28/10/2022 infomigrants.net  4 min #218008

Plus de 16 000 Tunisiens arrivés en Italie depuis le début de l'année

Des Tunisiens près du hotspot de Lampedusa. Crédit : Mehdi Chebil pour InfoMigrants

Depuis le début de l'année, 16 292 migrants tunisiens sont arrivés en Italie, selon des chiffres du ministère de l'Intérieur italien annoncés par le Forum tunisien pour les droits économiques et sociaux (FTDES)  dans son rapport mis à jour le 26 octobre.

Alors que nous sommes encore en octobre, c'est déjà un record annuel. En 2021, les autorités italiennes dénombraient 14 342 Tunisiens arrivés sur leurs côtes, et 11 212 en 2020.

La période estivale a été, comme chaque année, la plus propice aux traversées.
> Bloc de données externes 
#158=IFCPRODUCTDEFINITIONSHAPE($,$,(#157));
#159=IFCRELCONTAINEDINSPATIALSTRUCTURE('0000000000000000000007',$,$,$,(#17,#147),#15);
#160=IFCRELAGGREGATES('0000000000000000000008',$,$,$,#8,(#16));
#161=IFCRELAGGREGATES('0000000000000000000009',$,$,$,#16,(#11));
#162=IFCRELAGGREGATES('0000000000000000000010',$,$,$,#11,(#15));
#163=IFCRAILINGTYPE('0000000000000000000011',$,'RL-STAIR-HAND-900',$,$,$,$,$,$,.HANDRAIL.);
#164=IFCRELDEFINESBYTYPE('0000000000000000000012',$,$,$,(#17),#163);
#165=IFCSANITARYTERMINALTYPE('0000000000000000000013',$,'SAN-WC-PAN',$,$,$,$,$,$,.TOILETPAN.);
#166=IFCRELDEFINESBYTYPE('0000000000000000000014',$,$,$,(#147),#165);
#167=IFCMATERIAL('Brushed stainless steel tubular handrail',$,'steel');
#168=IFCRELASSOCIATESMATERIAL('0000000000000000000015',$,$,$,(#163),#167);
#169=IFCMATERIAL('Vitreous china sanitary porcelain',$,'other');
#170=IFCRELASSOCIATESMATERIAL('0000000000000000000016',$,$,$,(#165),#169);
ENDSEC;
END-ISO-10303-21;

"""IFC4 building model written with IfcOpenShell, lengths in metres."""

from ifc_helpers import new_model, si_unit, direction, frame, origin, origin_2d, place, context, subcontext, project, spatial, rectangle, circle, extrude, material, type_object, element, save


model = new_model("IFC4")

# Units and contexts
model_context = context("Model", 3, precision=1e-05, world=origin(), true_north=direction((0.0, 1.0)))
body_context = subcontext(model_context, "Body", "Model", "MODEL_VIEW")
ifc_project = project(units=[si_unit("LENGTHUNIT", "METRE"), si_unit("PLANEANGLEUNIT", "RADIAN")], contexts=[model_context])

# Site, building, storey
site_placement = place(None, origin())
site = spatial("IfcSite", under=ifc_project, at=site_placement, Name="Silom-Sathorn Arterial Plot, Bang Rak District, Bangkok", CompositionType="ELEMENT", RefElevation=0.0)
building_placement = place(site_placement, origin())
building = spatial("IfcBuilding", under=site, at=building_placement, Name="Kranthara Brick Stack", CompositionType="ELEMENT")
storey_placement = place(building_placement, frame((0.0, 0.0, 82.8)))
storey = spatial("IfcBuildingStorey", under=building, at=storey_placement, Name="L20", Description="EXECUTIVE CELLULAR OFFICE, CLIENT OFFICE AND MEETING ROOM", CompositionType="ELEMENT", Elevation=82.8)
Plus de 3 000 Tunisiens sont parvenus à traverser la Méditerranée pour atteindre l'Italie en juillet, et plus de 4 000 en août. Cela revient, en moyenne, à plus d'une centaine de personnes par jour.

De plus en plus de mineurs et de familles

Parmi les exilés tunisiens arrivés en Italie, on compte 3 430 mineurs, relaie le FTDES. Soit près de 20% des migrants ayant tenté cette dangereuse traversée de la Méditerranée centrale. Là encore, c'est davantage que les années précédentes : on en comptait 2 492 en 2021, et encore un peu moins, 1 607, en 2020.

Jusqu'ici, les Tunisiens prenant la mer étaient essentiellement de jeunes hommes, subissant le chômage de plein fouet. Aujourd'hui, "ce qui est nouveau, c'est que des familles entières, avec des enfants, partent aussi, pour tenter d'atteindre l'Italie, la France... Il y a un changement socio-démographique des personnes qui prennent les embarcations", alertait Jamel Msallem, président de la Ligue tunisienne pour la défense des droits de l'Homme, auprès d'InfoMigrants mi-octobre.

De fait, le nombre de femmes est en augmentation. Depuis début 2022, 828 sont arrivées sur le sol italien, selon le rapport du FTDES. Elles n'étaient que 523 en 2021, et 307 en 2020.

Surtout, leur proportion augmente légèrement au fil des années. Elles sont deux fois plus nombreuses parmi les migrants arrivés en Italie en 2022 (un peu plus de 5%) qu'en 2020 (2,7%).

Ces statistiques restent, dans une certaine mesure, sous-estimées, rappelle FTDES. L'organisation interpelle sur les "chiffres invisibles", à savoir "le nombre de migrants qui atteignent les côtes européennes sans passer par les autorités locales ou les structures internationales et ne se retrouvent pas dans un recensement", explique-t-elle dans son rapport. "Ce sont des chiffres importants et qui diffèrent selon les tactiques des réseaux des passeurs de migrants."

Au moins 544 décès et disparitions depuis le début de l'année

En outre, le FTDES comptabilise 544 personnes décédées ou disparues sur cette route depuis le début de l'année, toutes nationalités comprises. Le printemps a été la période la plus meurtrière, avec un pic à 145 décès et disparus au mois d'avril.

En parallèle, les autorités tunisiennes ont empêché 29 129 migrants de quitter les côtes tunisiennes en direction de l'Italie, depuis le début de l'année. Pour tenir ce décompte, le FTDES s'est basé sur les rapports du ministère de l'Intérieur tunisien ainsi que sur les déclarations du porte-parole de la Garde Nationale dans la presse. En octobre, pas moins de 4 109 exilés ont déjà été interceptés ainsi.

Jamel Msallem appelle plutôt, lui, à agir sur les causes socio-économiques de ces départs. Parmi les raisons qui poussent les Tunisiens à prendre tous les risques pour rejoindre l'Europe :  une crise économique aigüe, qui empêche nombre d'entre eux d'y envisager un quelconque avenir. La Tunisie compte quatre millions de pauvres, sur une population de près de 12 millions d'habitants.

"L'Union européenne doit changer sa politique migratoire et stabiliser la situation avec le gouvernement tunisien, en injectant notamment des capitaux afin de créer des emplois, et donc diminuer ce flux migratoire", soutenait le responsable de l'ONG mi-octobre à InfoMigrants.